Sorrel (Rumex acetosa) and hibiscus (Hibiscus sabdariffa) are unrelated plants that have a few things in common but a lot of differences. Here’s where things can get confusing: hibiscus is called sorrel in some parts of the world. If you are attempting to use one or the other, it is important to know how the two herbs differ and to understand which one your recipe requires. Here is a look at how sorrel and hibiscus compare to each other.
How does sorrel differ from hibiscus?
Usually, sorrel and hibiscus look almost nothing like each other. Sorrel leaves are typically bright green and elongated with a slight arrowhead shape. Hibiscus has variegated leaves and red stems. Note that there are some sorrel varieties that have red stems but most don’t.
With sorrel, the edible part of the plant is the leaf, which you can consume raw or cooked. The bright red calyx at the base of each flower is the part of the hibiscus plant that is most commonly used for food. The calyx covers the seed pod. You peel the calyces off and they are edible raw, but it is more common to use hibiscus calyces for making infusions or to cook them.
Sorrel is a savory green herb and is prepared in the same ways that spinach and dandelion greens are prepared. The main application for hibiscus in the West is in beverages, though it is also used to make jams and jellies in some parts of the West Indies — it is sweetened in most of these preparations.
Sorrel’s acidity comes mostly from oxalic acid, the organic acid that is responsible for the acidity in rhubarb and other tart greens. Hibiscus gets most of its tart flavor from a variety of other organic acids, including malic and tartaric acid.
Can you use sorrel in place of hibiscus and vice versa?
The flavor of sorrel and the flavor of hibiscus are both dominated by tartness so if you are thinking about using one or the other of these two herbs to make a tart savory dish, they may be interchangeable. Neither has much going for it in the flavor department outside of acidity. Still, there are a few important things that you may want to consider before making the switch.
Firstly, sorrel will not provide the bright red color that hibiscus provides. If you use sorrel as a hibiscus alternative, the resulting preparation will look noticeably different from a version containing hibiscus. Similarly, hibiscus will give a different appearance in a dish that is traditionally made with sorrel — it will make the dish bright red.
Secondly, sorrel is not traditionally used to make a beverage. The main application of hibiscus is for making infusions that serve as the basis for drinks. How well sorrel’s acidity might work in a beverage is questionable.
When should you use sorrel and when should you use hibiscus?
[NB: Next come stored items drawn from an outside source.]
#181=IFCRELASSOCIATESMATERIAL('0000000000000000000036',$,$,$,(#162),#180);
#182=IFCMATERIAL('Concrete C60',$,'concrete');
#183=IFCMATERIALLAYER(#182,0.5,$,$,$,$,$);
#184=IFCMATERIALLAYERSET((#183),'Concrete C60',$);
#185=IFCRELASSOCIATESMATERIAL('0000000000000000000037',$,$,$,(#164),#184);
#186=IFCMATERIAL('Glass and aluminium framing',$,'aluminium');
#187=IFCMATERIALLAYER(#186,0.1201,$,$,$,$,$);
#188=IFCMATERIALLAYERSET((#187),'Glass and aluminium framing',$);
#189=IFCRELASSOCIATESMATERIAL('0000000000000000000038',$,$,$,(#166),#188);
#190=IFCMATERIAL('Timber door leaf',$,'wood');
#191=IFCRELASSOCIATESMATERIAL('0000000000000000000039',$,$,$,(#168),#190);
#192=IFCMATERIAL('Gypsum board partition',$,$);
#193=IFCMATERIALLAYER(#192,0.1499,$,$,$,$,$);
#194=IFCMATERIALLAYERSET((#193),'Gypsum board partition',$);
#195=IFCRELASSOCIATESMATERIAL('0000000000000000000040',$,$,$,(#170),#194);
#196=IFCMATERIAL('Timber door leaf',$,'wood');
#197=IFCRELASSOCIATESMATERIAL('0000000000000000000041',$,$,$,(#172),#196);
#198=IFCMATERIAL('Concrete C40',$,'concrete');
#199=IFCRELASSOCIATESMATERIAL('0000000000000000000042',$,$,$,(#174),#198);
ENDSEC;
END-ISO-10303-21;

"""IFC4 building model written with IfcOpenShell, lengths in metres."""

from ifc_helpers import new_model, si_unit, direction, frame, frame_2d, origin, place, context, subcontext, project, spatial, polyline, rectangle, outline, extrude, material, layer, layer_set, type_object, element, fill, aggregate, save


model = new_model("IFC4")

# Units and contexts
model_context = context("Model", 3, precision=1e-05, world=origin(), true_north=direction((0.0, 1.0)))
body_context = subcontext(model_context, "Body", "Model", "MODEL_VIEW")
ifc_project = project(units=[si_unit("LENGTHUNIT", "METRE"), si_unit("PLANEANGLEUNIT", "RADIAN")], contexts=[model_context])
Use sorrel as a leafy green in salads or puree it for soups. Use it in Nigerian stews and salads or steamed as a side dish for fish. Hibiscus is a versatile plant with many applications but none is more popular than its use as a tea herb. You can serve hibiscus tea hot but in many tropical countries like Mexico and Jamaica, it is served sweetened and cold over ice. In Jamaica, the hibiscus drink is associated with the end-of-year holiday season and its flavor may be enhanced with spices and rum. In Mexico, it is a year-round favorite agua fresca.